Ive decided to write a guide on how to get root on most linux systems after forgetting the local password to my server. This should work on most linux systems as long as the root partition is not encrypted or grub is password protected.
First step to edit the boot parameters. All you have todo is press e when prompted by grub on what to boot.
Now scroll down until you see a linux16 or linux line and append "init=/bin/bash" to the end of it
press ctrl+x or F10 to boot and you will be prompted with a root shell running bash
note that root with be mounted as read-only so we will need to remount root. just type "mount -o remount,rw /" to allowing writing files to root
It is surprisingly easy to get root on any linux computer where you have a couple of minutes and access to the bootloader. What could be done from here? You could install something like a key logger or flash a malicious bios onto the system. The list goes on because root has access to all software and hardware on the system with no protections.
So what can do you to protect against this attack?

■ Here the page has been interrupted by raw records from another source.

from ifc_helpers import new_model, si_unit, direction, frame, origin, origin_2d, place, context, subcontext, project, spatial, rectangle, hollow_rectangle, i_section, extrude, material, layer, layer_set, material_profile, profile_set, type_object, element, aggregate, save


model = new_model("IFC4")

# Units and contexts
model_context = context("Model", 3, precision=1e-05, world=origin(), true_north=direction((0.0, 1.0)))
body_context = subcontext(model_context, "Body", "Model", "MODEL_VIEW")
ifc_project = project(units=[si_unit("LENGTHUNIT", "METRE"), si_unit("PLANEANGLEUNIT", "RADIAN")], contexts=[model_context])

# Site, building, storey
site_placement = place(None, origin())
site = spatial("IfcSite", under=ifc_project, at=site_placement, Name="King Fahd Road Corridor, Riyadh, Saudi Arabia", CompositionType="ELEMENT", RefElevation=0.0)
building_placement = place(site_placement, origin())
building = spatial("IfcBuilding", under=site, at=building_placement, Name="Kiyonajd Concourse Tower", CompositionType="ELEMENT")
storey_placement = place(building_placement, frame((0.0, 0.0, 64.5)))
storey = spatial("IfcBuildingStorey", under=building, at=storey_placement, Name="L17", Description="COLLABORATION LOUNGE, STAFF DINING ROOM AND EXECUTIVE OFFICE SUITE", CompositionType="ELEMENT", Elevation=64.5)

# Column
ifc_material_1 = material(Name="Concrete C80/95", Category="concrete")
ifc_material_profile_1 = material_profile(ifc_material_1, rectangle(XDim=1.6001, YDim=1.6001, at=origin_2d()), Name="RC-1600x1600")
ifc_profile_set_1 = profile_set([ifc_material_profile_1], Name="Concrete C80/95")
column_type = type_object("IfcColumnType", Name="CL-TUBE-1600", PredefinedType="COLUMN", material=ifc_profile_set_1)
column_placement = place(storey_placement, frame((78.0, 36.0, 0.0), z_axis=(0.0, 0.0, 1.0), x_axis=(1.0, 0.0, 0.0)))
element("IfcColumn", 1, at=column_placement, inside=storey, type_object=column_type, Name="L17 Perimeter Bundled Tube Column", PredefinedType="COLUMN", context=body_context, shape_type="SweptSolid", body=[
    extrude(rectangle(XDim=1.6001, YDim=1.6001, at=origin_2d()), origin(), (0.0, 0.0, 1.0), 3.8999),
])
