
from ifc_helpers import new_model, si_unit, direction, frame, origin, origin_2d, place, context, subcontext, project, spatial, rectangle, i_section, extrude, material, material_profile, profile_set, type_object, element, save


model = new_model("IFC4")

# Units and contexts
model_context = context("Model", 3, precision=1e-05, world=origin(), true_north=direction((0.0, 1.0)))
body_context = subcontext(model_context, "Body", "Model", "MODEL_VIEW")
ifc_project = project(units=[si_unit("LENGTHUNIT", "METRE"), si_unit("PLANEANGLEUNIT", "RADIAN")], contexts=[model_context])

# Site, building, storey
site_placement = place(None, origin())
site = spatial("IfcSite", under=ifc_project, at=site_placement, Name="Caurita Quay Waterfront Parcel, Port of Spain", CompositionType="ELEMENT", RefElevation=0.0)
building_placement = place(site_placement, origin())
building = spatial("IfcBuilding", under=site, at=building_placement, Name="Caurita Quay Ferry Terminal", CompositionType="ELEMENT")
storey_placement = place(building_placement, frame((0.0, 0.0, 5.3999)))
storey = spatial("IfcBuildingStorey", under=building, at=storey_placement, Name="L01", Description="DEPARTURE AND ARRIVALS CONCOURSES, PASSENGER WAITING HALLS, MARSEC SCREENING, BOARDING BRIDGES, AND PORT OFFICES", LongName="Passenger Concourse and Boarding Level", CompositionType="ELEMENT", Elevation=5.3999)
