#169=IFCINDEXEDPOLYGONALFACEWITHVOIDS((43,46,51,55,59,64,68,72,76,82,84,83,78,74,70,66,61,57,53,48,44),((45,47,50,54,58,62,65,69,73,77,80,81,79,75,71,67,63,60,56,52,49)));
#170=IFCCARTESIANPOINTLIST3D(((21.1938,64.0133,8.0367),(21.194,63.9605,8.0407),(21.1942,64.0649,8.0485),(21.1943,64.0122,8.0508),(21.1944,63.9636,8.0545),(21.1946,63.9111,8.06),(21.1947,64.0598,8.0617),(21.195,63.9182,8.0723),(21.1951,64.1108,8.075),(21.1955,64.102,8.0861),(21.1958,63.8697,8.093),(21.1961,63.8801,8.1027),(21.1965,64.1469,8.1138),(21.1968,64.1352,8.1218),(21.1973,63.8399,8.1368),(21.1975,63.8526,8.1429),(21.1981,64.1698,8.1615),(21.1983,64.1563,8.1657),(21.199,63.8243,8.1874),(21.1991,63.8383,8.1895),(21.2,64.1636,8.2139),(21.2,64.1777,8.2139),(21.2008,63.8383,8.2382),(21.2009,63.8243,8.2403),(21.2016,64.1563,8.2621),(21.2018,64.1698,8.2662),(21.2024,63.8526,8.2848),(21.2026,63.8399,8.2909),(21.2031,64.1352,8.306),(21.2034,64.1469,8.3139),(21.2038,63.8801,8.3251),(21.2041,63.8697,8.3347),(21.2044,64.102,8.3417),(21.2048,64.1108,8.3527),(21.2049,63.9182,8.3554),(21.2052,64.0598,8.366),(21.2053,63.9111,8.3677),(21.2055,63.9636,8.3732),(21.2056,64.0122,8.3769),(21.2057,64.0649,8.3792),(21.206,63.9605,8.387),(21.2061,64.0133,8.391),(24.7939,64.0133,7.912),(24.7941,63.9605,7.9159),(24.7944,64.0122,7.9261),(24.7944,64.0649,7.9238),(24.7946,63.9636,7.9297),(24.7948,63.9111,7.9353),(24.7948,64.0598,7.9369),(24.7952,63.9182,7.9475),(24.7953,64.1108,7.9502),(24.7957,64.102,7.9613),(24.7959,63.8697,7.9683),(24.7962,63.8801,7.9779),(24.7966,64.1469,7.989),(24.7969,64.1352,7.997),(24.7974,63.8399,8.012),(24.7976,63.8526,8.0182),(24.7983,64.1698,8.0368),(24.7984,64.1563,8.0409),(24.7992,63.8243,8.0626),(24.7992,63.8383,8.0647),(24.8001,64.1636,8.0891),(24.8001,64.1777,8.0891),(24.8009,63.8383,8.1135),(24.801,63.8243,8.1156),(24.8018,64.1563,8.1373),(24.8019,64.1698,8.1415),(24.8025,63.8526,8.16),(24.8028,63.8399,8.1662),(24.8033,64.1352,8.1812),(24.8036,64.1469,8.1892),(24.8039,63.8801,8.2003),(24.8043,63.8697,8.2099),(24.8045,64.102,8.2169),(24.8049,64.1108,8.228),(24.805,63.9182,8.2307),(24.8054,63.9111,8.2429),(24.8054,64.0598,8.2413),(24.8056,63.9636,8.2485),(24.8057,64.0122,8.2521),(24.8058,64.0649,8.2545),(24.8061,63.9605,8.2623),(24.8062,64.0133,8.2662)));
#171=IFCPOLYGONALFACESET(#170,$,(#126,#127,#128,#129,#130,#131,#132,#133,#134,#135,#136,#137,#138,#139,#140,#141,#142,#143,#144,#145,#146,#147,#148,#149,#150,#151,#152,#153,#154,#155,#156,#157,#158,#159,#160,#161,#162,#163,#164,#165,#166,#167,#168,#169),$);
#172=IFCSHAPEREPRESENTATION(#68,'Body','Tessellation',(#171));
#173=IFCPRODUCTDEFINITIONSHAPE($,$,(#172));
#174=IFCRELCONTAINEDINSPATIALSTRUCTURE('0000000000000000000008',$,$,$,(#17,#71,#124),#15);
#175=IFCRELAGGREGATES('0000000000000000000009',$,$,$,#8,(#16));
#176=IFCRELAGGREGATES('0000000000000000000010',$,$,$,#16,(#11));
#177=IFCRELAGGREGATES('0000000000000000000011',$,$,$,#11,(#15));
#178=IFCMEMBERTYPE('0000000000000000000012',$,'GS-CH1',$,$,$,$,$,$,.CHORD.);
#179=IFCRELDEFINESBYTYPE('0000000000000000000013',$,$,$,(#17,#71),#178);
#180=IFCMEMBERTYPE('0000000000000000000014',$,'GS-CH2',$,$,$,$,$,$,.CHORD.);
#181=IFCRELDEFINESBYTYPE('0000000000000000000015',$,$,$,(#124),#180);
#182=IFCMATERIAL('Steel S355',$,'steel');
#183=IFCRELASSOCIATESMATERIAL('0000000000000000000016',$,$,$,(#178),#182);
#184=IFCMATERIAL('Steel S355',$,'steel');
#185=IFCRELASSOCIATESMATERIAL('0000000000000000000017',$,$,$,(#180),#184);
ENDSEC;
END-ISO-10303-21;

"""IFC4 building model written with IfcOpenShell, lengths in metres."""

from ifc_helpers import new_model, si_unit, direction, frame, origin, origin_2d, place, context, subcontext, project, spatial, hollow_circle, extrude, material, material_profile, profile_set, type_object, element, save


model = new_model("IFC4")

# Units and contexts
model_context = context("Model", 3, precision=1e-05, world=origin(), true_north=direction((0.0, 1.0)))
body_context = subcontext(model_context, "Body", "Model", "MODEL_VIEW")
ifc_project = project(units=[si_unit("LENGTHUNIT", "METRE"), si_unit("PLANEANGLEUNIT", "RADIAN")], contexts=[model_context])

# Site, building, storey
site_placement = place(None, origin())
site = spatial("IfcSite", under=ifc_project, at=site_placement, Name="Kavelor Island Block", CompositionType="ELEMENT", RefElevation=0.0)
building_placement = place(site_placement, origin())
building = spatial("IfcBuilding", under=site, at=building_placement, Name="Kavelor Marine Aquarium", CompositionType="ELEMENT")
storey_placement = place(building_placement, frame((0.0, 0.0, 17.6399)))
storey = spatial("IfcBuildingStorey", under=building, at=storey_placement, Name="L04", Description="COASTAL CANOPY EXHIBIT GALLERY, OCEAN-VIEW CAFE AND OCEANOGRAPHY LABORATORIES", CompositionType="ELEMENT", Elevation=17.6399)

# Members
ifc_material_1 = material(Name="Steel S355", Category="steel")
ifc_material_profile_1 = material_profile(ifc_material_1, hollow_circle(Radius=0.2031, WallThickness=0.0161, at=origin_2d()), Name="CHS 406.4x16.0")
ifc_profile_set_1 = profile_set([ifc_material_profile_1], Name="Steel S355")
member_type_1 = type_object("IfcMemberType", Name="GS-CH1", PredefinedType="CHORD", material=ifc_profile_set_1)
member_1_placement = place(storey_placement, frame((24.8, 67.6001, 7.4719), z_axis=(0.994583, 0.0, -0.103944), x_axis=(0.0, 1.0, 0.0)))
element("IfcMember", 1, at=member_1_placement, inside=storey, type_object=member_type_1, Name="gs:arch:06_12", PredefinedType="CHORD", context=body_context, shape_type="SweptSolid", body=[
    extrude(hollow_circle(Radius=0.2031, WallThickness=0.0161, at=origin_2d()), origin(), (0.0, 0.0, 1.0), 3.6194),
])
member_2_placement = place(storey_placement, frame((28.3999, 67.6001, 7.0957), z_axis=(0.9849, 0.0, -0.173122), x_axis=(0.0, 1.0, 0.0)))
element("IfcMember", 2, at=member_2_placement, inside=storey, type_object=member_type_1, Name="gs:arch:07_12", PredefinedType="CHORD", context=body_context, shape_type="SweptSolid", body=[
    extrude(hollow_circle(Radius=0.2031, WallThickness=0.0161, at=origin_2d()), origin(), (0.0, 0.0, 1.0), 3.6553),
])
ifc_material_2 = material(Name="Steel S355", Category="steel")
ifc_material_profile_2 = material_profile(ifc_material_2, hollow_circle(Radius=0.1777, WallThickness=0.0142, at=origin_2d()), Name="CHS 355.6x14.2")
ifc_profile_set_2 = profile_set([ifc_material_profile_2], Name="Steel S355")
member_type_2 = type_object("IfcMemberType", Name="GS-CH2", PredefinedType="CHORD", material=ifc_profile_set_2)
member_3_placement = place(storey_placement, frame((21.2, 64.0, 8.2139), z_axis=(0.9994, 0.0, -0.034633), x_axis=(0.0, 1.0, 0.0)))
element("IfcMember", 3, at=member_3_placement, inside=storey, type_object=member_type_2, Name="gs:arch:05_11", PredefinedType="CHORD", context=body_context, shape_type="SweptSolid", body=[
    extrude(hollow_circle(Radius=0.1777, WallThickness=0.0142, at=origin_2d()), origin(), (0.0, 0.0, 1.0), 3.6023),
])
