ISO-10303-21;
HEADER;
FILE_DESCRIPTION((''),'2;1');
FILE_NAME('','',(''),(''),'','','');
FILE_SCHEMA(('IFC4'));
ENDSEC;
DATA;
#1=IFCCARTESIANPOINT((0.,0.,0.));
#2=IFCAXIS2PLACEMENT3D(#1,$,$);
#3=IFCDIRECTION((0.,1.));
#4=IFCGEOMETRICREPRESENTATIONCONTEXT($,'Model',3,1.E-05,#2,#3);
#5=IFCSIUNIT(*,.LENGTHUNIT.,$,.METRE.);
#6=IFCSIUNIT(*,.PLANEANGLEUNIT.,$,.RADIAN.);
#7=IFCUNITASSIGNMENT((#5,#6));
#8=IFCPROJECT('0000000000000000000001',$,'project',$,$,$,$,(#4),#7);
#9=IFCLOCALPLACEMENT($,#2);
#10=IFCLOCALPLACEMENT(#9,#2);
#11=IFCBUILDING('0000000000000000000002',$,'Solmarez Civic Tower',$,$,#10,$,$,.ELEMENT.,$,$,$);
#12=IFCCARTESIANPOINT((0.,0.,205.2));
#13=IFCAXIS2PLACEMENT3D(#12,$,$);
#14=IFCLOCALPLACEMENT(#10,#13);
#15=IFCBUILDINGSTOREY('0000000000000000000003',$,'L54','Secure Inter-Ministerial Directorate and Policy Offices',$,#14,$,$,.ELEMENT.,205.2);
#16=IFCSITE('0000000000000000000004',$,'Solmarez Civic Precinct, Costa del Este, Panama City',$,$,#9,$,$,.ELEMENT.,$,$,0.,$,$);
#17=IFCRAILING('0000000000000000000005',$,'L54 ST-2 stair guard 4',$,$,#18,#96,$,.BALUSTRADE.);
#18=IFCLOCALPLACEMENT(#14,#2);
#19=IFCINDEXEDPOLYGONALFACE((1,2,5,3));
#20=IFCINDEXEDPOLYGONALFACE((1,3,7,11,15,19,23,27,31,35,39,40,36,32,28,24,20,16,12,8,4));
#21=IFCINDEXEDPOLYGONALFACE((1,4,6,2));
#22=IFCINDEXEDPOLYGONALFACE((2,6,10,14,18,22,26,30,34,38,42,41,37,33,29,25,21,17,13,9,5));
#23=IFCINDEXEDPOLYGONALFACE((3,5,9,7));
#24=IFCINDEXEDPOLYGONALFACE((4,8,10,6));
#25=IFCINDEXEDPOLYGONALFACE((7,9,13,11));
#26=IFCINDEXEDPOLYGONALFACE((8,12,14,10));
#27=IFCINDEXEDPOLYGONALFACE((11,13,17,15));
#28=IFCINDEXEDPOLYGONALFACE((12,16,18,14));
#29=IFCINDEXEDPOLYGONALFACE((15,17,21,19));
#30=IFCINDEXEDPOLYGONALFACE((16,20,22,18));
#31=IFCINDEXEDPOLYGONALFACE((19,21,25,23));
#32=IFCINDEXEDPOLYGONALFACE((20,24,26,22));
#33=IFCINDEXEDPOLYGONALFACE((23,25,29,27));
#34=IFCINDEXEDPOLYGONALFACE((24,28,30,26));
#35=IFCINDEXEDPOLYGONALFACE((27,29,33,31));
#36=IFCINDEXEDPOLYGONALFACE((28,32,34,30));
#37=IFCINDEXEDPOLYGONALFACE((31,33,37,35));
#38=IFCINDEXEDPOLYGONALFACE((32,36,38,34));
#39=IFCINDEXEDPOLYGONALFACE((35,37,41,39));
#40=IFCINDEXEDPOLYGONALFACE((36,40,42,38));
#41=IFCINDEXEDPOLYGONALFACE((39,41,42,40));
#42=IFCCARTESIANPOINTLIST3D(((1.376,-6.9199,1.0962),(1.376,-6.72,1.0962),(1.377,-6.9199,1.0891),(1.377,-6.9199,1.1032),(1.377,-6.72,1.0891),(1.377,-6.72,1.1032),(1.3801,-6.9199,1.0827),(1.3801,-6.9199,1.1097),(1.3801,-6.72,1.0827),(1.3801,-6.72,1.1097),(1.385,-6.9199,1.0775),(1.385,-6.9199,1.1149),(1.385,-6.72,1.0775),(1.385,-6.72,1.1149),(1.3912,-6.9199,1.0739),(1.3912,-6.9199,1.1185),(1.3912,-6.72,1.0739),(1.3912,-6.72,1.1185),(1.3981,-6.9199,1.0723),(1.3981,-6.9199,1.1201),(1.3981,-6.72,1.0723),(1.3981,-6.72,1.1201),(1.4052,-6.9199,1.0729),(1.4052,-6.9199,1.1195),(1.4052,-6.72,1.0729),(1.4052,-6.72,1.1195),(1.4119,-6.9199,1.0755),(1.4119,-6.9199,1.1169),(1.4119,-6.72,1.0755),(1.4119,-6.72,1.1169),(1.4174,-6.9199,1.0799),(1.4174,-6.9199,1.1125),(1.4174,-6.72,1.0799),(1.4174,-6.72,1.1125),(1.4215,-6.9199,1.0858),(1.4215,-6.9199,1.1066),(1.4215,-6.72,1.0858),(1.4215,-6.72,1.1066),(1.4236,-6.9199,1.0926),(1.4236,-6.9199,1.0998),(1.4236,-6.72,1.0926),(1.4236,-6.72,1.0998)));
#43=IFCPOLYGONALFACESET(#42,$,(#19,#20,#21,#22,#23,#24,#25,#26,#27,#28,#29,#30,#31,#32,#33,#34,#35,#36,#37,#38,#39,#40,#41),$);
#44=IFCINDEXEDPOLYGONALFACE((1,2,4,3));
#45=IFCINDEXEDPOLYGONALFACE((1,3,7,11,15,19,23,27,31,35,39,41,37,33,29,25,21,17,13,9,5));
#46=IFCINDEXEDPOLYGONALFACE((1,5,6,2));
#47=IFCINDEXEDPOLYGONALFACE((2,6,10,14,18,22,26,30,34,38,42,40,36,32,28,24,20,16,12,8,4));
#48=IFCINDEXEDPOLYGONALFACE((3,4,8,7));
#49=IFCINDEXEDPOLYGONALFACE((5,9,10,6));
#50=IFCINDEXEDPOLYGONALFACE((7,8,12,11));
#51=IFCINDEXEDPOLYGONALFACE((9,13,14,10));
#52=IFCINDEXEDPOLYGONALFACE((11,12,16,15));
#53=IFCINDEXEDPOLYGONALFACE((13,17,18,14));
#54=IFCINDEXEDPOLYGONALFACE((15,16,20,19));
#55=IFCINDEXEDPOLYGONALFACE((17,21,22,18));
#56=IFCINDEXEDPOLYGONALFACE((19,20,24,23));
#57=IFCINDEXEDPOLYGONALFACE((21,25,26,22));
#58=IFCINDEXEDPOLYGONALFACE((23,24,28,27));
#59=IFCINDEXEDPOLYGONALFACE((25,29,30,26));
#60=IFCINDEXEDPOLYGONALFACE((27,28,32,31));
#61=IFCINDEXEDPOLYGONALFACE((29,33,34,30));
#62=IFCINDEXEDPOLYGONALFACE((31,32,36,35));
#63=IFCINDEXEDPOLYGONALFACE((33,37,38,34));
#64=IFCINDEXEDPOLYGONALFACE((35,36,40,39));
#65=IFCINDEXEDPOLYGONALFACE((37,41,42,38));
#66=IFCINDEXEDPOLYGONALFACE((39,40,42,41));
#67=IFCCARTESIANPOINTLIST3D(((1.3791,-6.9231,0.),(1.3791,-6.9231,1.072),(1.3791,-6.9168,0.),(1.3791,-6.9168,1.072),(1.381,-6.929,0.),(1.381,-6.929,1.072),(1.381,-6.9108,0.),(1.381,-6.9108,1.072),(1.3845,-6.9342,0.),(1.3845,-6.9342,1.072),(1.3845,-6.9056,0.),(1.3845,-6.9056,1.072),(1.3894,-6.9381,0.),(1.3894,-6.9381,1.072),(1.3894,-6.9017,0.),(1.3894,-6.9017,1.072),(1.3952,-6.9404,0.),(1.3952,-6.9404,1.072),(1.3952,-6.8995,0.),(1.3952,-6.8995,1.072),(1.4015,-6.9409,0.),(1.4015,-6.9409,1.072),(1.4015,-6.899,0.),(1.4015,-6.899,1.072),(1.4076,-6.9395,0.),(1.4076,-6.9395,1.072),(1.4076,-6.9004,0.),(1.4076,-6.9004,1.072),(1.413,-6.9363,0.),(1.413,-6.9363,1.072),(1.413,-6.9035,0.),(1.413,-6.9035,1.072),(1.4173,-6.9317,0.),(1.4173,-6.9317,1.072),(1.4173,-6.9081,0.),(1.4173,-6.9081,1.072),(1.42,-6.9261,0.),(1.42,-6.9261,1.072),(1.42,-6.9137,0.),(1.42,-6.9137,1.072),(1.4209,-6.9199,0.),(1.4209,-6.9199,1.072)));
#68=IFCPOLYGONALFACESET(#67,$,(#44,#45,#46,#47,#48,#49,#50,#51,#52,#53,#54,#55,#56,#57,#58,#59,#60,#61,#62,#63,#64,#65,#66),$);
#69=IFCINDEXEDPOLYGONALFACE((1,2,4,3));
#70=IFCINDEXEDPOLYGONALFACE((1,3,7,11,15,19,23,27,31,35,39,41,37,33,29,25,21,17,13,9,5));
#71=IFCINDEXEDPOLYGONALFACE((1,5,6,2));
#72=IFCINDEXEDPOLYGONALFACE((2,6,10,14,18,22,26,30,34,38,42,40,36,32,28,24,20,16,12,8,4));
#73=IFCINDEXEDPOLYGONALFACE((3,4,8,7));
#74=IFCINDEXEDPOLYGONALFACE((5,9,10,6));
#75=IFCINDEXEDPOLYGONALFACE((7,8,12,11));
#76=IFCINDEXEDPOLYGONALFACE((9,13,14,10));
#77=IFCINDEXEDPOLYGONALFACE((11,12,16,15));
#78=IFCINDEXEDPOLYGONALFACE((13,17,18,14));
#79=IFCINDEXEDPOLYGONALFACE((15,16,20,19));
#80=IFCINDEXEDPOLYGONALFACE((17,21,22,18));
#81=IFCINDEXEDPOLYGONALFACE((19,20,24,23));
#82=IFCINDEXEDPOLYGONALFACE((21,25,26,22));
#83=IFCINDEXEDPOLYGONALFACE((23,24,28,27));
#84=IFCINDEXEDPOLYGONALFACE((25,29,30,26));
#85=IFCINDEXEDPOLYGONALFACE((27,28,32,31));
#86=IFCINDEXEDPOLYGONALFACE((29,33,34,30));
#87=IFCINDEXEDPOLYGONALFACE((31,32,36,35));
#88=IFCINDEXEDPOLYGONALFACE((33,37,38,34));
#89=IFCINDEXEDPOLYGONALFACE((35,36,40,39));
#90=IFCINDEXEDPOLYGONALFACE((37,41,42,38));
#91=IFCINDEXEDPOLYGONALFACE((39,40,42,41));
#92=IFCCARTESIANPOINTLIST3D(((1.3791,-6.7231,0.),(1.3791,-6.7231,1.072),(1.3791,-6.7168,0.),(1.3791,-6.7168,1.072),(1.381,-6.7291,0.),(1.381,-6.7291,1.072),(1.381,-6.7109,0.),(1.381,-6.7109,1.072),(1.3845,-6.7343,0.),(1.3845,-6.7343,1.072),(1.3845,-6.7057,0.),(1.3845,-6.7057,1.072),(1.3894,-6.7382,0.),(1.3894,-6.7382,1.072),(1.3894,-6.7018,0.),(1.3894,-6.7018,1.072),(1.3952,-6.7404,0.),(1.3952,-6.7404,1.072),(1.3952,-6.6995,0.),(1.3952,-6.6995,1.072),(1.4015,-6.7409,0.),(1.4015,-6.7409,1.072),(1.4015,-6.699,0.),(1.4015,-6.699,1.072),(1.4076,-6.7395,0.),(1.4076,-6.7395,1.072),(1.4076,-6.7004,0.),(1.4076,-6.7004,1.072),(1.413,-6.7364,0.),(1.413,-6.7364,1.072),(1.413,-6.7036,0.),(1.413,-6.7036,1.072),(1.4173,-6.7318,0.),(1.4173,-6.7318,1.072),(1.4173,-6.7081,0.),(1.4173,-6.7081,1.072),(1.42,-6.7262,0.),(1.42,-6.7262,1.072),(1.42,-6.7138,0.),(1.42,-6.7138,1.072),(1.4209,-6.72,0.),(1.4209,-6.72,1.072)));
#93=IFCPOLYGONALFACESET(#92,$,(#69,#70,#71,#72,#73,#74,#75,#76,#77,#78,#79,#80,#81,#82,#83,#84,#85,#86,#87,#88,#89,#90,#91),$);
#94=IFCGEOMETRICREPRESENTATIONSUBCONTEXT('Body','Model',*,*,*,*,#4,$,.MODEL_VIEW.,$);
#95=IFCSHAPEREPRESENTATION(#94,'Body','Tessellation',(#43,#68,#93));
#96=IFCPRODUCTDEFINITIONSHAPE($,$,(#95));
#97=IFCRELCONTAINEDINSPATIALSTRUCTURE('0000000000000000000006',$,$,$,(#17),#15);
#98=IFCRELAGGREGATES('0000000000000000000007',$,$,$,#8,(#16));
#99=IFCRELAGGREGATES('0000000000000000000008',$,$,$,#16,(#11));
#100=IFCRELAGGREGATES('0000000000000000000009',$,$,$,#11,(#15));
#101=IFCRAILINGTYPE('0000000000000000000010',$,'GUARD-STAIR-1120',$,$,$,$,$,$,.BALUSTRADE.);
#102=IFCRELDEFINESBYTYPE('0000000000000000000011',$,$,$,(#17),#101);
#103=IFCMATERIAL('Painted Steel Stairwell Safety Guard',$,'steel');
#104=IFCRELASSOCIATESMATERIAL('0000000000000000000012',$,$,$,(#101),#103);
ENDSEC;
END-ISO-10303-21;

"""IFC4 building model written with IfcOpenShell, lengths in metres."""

from ifc_helpers import new_model, si_unit, direction, frame, origin, origin_2d, place, context, subcontext, project, spatial, circle, extrude, material, type_object, element, save


model = new_model("IFC4")

# Units and contexts
model_context = context("Model", 3, precision=1e-05, world=origin(), true_north=direction((0.0, 1.0)))
body_context = subcontext(model_context, "Body", "Model", "MODEL_VIEW")
ifc_project = project(units=[si_unit("LENGTHUNIT", "METRE"), si_unit("PLANEANGLEUNIT", "RADIAN")], contexts=[model_context])

# Site, building, storey
site_placement = place(None, origin())
site = spatial("IfcSite", under=ifc_project, at=site_placement, Name="Solmarez Civic Precinct, Costa del Este, Panama City", CompositionType="ELEMENT", RefElevation=0.0)
building_placement = place(site_placement, origin())
building = spatial("IfcBuilding", under=site, at=building_placement, Name="Solmarez Civic Tower", CompositionType="ELEMENT")
storey_placement = place(building_placement, frame((0.0, 0.0, 205.2)))
storey = spatial("IfcBuildingStorey", under=building, at=storey_placement, Name="L54", Description="Secure Inter-Ministerial Directorate and Policy Offices", CompositionType="ELEMENT", Elevation=205.2)

# Railing
ifc_material_1 = material(Name="Painted Steel Stairwell Safety Guard", Category="steel")
railing_type_1 = type_object("IfcRailingType", Name="GUARD-STAIR-1120", PredefinedType="BALUSTRADE", material=ifc_material_1)
railing_1_placement = place(storey_placement, frame((1.3999, -6.9199, 0.0)))
element("IfcRailing", 1, at=railing_1_placement, inside=storey, type_object=railing_type_1, Name="L54 ST-2 stair guard 4", PredefinedType="BALUSTRADE", context=body_context, shape_type="SweptSolid", body=[
    extrude(circle(Radius=0.0239, at=origin_2d()), frame((0.0, 0.0, 1.0962), z_axis=(0.0, 1.0, 0.0), x_axis=(-1.0, 0.0, 0.0)), (0.0, 0.0, 1.0), 0.2),
    extrude(circle(Radius=0.021, at=origin_2d()), origin(), (0.0, 0.0, 1.0), 1.072),
    extrude(circle(Radius=0.021, at=origin_2d()), frame((0.0, 0.2, 0.0)), (0.0, 0.0, 1.0), 1.072),
])

save(model, "model.ifc")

Add a password to grub Encrypt the OS Set a boot password Dont let people you cant trust onto your machine
But all of this only protects against this attack. You still wont be protected against something like a privilege escalation exploit or someone just plugging your drive into another computer.
You and/or @ivailo ought to be given the "Synchronicity of Posts" badge or some such. Your useful tips and concomitant paranoia are in eerie harmony. Still, can't point out these kinds of things too often - they are, at the same time, both useful and dangerous. Thanks for the post.
ive actually had to do this, after a systemd update killed systemd; endless errors, for hours on boot. would never boot to a point where you could even get a prompt. probably because systemd was seemingly unable to mount / .
did this and bam could undo the fscking systemd update. system would boot once again
the goal of pointing out this kind of stuff is too inform the public about such things. They are still vulnerable to something like this whether they know about it or not.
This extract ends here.